Apa Itu Policy Gradient?

Policy Gradient adalah metode dalam Reinforcement Learning yang secara langsung mengoptimalkan policy, yaitu fungsi yang menentukan aksi apa yang harus diambil oleh agen pada kondisi tertentu. Jika pendekatan lain berfokus pada estimasi nilai (value function atau Q-function), Policy Gradient justru melewati tahap tersebut dan langsung menjawab pertanyaan inti: “aksi apa yang sebaiknya dilakukan sekarang?”

Secara intuitif, Policy Gradient bekerja dengan cara menaikkan probabilitas aksi-aksi yang menghasilkan reward tinggi dan menurunkan probabilitas aksi yang menghasilkan reward rendah. Policy biasanya direpresentasikan sebagai fungsi parametrik, sering kali menggunakan neural network, dengan parameter yang dilambangkan sebagai θ (theta). Proses belajar dilakukan dengan menyesuaikan parameter ini agar expected reward menjadi maksimal.

Keunggulan utama Policy Gradient adalah kemampuannya menangani action space kontinu, sesuatu yang cukup sulit dilakukan oleh metode berbasis nilai seperti Q-Learning klasik. Dalam dunia nyata, banyak masalah tidak memiliki aksi diskrit sederhana, misalnya mengatur sudut kemudi robot, kecepatan motor, atau kontrol lengan robot. Policy Gradient terasa lebih fleksibel dan realistis untuk kasus-kasus tersebut.

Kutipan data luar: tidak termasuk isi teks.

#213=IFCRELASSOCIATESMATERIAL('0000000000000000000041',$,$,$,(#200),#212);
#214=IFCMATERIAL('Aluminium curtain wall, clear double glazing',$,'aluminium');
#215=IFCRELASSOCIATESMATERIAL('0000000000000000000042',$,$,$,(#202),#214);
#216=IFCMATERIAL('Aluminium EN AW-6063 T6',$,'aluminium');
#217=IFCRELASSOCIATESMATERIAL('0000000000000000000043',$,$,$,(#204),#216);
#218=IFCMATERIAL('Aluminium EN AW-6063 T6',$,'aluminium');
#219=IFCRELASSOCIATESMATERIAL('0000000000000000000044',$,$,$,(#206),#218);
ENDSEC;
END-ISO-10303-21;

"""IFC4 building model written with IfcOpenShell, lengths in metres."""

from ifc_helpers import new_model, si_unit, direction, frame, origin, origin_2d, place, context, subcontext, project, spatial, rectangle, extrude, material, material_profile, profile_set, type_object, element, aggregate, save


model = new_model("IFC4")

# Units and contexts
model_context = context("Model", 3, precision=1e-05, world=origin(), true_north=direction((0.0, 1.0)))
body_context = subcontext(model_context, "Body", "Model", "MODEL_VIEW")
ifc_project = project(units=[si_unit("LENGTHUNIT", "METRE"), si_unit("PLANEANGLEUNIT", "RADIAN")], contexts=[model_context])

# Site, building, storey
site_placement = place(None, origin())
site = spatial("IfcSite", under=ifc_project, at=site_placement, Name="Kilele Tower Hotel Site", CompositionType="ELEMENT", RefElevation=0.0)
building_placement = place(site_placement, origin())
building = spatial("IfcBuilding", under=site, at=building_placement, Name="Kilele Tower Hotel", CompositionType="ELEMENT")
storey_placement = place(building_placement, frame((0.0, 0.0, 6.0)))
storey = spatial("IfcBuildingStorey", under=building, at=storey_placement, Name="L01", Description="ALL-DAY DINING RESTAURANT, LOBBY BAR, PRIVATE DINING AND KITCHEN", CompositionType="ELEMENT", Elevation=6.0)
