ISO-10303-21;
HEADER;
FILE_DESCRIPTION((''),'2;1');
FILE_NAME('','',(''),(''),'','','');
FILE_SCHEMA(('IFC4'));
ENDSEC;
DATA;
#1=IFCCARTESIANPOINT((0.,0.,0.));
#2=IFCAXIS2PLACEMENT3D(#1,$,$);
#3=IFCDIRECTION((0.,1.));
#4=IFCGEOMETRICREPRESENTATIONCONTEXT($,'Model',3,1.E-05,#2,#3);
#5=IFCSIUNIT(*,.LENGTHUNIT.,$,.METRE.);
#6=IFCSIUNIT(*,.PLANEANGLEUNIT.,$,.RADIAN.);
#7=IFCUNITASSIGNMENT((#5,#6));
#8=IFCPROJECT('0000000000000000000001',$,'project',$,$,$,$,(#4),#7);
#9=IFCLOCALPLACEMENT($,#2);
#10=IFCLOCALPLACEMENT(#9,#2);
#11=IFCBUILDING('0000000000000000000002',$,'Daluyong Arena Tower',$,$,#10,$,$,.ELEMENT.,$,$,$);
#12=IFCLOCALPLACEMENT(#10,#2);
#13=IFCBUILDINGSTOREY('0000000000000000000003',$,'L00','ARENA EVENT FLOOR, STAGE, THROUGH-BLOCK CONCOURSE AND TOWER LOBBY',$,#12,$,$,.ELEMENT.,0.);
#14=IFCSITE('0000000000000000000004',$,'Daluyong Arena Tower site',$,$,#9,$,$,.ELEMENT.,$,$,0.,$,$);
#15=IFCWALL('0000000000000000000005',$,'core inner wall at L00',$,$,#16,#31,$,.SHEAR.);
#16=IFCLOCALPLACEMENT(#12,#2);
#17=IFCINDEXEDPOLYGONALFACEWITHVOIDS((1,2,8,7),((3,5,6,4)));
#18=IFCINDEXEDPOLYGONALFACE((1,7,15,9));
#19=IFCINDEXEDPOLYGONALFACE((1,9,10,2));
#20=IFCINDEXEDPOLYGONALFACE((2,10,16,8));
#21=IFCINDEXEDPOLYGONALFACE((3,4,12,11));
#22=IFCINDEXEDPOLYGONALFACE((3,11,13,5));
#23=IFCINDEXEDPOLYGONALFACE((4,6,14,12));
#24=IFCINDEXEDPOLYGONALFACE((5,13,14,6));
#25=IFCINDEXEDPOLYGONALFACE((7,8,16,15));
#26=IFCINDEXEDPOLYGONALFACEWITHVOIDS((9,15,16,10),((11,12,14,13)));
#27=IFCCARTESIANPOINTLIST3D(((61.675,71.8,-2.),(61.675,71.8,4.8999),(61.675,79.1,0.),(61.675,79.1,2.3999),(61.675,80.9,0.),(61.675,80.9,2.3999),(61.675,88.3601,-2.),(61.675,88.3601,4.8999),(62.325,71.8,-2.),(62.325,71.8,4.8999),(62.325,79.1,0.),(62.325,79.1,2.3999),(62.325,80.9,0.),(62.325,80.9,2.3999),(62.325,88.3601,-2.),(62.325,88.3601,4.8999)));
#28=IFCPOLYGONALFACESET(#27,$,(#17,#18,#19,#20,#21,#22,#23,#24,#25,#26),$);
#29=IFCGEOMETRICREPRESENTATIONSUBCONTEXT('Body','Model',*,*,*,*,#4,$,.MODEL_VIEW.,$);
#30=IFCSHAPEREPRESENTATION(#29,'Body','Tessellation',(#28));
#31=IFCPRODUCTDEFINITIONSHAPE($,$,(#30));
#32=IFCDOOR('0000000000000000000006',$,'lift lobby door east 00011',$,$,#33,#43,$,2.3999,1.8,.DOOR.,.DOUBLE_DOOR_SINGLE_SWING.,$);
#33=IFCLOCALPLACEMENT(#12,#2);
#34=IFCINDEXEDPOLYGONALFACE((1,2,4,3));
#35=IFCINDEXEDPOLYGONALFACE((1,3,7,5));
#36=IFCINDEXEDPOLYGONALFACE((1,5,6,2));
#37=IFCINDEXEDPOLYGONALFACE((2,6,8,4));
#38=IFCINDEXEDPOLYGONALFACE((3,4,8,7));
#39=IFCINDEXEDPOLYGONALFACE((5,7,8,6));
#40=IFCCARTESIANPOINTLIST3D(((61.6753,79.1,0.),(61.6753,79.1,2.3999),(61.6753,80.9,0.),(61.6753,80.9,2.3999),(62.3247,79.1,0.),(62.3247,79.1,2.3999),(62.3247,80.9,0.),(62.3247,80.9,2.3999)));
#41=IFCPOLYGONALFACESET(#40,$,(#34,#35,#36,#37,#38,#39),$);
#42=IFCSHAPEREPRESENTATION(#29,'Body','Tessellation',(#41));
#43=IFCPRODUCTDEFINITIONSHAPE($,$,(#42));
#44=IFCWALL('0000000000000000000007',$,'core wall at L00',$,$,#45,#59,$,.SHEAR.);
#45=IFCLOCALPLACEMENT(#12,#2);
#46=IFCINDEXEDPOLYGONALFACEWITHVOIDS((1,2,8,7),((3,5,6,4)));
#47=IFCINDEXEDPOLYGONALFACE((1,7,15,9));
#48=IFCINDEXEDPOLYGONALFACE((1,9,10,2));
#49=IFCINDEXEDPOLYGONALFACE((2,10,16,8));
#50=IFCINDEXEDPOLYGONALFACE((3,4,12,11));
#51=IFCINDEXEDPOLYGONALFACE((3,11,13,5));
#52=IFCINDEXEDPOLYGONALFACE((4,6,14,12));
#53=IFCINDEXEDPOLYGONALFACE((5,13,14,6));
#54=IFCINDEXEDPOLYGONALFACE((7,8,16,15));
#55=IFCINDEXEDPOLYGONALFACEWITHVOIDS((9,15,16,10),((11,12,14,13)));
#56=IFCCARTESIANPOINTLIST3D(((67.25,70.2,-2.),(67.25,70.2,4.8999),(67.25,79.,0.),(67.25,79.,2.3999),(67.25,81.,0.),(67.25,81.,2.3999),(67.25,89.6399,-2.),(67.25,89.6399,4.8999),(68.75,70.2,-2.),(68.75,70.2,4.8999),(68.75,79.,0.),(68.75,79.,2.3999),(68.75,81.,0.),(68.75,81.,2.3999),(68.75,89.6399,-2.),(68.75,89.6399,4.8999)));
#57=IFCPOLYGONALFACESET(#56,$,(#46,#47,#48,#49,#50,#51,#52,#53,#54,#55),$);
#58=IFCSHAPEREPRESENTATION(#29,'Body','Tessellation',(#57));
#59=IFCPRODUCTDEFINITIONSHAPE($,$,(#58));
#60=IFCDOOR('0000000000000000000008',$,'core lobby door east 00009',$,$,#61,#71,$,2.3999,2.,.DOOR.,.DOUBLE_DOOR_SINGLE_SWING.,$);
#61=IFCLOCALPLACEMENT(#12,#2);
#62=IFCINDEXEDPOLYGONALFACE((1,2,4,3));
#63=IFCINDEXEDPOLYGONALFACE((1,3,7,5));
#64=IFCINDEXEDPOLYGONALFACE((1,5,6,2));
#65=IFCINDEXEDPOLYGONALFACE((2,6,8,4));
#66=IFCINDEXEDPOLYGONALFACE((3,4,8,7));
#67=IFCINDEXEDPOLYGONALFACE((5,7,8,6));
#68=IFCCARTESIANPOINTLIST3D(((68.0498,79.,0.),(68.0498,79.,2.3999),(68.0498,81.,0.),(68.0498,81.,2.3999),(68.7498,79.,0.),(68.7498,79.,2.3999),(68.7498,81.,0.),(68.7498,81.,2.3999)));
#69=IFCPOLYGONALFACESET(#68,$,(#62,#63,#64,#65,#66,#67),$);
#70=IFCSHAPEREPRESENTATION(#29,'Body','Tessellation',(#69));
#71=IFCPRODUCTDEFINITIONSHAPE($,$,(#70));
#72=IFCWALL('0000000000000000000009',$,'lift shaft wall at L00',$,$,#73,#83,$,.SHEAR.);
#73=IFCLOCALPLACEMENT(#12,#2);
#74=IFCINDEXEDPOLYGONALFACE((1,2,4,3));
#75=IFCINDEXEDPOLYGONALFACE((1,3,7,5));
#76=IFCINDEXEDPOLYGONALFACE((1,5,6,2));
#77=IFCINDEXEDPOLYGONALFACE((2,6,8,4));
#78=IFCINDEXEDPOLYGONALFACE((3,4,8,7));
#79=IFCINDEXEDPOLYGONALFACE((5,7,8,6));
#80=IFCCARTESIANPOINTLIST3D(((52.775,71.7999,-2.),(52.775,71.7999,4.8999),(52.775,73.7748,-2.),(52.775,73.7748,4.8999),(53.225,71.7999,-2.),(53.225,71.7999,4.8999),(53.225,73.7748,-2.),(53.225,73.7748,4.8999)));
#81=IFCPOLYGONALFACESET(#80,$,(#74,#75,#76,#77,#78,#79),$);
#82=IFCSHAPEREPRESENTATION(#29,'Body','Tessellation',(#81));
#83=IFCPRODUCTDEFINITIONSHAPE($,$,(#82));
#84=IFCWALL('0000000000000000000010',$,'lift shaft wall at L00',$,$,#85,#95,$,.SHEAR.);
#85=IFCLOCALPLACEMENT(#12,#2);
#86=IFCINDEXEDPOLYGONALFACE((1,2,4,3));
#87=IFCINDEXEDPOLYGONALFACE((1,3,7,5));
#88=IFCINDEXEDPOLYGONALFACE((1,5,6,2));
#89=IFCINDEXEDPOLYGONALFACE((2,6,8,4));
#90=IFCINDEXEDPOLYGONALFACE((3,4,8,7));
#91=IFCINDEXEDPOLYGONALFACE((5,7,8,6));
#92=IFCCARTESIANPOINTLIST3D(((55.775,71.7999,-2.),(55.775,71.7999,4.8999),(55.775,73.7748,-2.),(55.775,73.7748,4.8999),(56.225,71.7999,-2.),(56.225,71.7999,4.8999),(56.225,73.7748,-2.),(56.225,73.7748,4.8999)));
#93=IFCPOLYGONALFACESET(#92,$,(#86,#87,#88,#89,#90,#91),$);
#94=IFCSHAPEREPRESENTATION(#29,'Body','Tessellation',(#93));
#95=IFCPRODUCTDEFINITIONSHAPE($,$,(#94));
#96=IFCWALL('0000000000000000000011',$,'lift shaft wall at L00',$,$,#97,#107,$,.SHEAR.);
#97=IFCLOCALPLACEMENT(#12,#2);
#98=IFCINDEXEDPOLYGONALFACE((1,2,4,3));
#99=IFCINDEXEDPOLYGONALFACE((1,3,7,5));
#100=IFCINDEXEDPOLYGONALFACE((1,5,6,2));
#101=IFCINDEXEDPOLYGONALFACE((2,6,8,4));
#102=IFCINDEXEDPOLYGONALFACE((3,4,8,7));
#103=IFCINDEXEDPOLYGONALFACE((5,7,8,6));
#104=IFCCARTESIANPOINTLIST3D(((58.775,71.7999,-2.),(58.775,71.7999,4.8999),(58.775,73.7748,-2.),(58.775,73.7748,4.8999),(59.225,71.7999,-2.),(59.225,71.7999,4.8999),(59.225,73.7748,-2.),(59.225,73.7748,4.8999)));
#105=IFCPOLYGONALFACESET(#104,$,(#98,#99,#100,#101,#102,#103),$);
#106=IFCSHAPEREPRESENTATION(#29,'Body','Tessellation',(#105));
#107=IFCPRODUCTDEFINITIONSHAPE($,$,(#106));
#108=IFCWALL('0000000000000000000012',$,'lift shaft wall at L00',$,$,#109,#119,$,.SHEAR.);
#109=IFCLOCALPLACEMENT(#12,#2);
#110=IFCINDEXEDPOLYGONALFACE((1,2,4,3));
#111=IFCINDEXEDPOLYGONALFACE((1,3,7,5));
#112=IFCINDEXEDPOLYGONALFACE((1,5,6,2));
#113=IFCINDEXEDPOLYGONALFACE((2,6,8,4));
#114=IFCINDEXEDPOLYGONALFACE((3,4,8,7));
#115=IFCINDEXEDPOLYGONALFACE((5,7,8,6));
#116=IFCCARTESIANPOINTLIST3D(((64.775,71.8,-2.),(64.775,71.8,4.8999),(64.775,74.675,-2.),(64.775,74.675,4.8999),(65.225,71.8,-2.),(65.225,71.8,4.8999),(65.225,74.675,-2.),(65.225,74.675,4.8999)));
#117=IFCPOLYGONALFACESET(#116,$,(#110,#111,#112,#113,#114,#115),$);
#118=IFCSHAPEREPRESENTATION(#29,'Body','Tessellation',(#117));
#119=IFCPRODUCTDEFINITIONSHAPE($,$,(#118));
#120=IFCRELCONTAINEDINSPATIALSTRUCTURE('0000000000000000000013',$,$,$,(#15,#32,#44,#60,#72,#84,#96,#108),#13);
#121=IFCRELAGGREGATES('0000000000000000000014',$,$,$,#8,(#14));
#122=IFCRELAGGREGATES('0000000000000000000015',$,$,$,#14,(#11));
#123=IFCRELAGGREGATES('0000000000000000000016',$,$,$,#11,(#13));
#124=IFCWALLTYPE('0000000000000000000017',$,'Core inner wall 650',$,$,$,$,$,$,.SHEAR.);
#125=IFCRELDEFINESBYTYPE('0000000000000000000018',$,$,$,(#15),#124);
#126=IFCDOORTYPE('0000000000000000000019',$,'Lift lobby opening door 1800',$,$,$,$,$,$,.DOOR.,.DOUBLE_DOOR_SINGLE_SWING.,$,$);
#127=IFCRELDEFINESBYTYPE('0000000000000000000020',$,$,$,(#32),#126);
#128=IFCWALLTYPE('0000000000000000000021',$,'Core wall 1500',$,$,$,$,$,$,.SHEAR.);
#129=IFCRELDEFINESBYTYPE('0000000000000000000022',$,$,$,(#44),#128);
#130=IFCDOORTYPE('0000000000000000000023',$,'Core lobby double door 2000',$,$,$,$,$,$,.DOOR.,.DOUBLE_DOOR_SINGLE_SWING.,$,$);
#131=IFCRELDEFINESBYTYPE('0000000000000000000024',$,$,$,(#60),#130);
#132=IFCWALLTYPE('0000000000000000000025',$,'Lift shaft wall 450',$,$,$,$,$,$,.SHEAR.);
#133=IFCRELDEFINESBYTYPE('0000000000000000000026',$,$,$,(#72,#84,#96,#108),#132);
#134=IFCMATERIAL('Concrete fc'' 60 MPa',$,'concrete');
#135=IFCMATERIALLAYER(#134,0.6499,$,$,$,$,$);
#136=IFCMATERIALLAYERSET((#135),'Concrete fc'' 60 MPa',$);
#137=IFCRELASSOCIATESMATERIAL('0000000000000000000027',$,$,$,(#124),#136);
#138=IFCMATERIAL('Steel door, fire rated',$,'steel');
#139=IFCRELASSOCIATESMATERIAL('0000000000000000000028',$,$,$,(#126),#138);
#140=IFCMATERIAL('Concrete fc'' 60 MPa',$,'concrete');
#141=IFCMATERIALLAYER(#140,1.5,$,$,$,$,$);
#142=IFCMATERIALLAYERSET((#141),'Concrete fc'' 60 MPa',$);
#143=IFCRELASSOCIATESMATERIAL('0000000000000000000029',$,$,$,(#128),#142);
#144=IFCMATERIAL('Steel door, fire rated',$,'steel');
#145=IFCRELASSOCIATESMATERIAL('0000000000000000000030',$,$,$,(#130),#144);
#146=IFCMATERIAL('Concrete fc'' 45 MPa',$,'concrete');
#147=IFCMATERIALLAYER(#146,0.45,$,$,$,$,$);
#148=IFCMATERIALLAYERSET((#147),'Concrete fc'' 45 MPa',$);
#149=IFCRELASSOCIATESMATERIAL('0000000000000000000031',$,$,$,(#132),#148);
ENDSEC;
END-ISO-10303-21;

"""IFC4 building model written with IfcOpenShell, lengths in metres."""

from ifc_helpers import new_model, si_unit, direction, frame, frame_2d, origin, place, context, subcontext, project, spatial, rectangle, extrude, material, layer, layer_set, type_object, element, fill, save


model = new_model("IFC4")

# Units and contexts
model_context = context("Model", 3, precision=1e-05, world=origin(), true_north=direction((0.0, 1.0)))
body_context = subcontext(model_context, "Body", "Model", "MODEL_VIEW")
ifc_project = project(units=[si_unit("LENGTHUNIT", "METRE"), si_unit("PLANEANGLEUNIT", "RADIAN")], contexts=[model_context])

# Site, building, storey
site_placement = place(None, origin())
site = spatial("IfcSite", under=ifc_project, at=site_placement, Name="Daluyong Arena Tower site", CompositionType="ELEMENT", RefElevation=0.0)
building_placement = place(site_placement, origin())
building = spatial("IfcBuilding", under=site, at=building_placement, Name="Daluyong Arena Tower", CompositionType="ELEMENT")
storey_placement = place(building_placement, origin())
storey = spatial("IfcBuildingStorey", under=building, at=storey_placement, Name="L00", Description="ARENA EVENT FLOOR, STAGE, THROUGH-BLOCK CONCOURSE AND TOWER LOBBY", CompositionType="ELEMENT", Elevation=0.0)

# Walls, openings, doors
ifc_material_1 = material(Name="Concrete fc' 60 MPa", Category="concrete")
ifc_layer_1 = layer(ifc_material_1, 0.6499)
ifc_layer_set_1 = layer_set([ifc_layer_1], Name="Concrete fc' 60 MPa")
wall_type_1 = type_object("IfcWallType", Name="Core inner wall 650", PredefinedType="SHEAR", material=ifc_layer_set_1)
ifc_material_2 = material(Name="Steel door, fire rated", Category="steel")
door_type_1 = type_object("IfcDoorType", Name="Lift lobby opening door 1800", OperationType="DOUBLE_DOOR_SINGLE_SWING", PredefinedType="DOOR", material=ifc_material_2)
wall_1_placement = place(storey_placement, frame((62.0, 71.8, -2.0), z_axis=(0.0, 0.0, 1.0), x_axis=(0.0, 1.0, 0.0)))
wall_1 = element("IfcWall", 1, at=wall_1_placement, inside=storey, type_object=wall_type_1, Name="core inner wall at L00", PredefinedType="SHEAR", context=body_context, shape_type="SweptSolid", body=[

Selain itu, Policy Gradient juga lebih stabil ketika dikombinasikan dengan deep learning. Dengan optimasi langsung pada policy, agen bisa belajar strategi yang lebih halus dan adaptif. Inilah alasan mengapa banyak algoritma modern seperti PPO dan Actor-Critic dibangun di atas konsep Policy Gradient.

Konsep Policy dalam Reinforcement Learning

Policy adalah inti dari Reinforcement Learning. Secara sederhana, policy adalah aturan atau strategi yang digunakan agen untuk menentukan aksi berdasarkan state yang sedang dihadapi. Dalam notasi matematis, policy biasanya ditulis sebagai π(a|s), yang berarti probabilitas agen memilih aksi a ketika berada pada state s.

Terdapat dua jenis policy utama yang sering dibahas.

  1. Deterministic policy, di mana satu state selalu menghasilkan satu aksi yang sama. Pendekatan ini sederhana, tetapi kurang fleksibel, terutama pada lingkungan yang kompleks dan penuh ketidakpastian.
  2. Stochastic policy, di mana satu state dapat menghasilkan berbagai aksi dengan probabilitas tertentu. Policy Gradient hampir selalu menggunakan stochastic policy karena lebih stabil dan mendukung eksplorasi yang lebih baik.

Dalam implementasi modern, policy sering direpresentasikan menggunakan neural network. State dijadikan input, lalu jaringan menghasilkan parameter distribusi probabilitas aksi. Untuk aksi diskrit, output biasanya berupa softmax probability. Untuk aksi kontinu, output bisa berupa mean dan variance dari distribusi Gaussian. Pendekatan ini memungkinkan agen belajar kebijakan yang sangat kompleks hanya dari interaksi dengan lingkungan.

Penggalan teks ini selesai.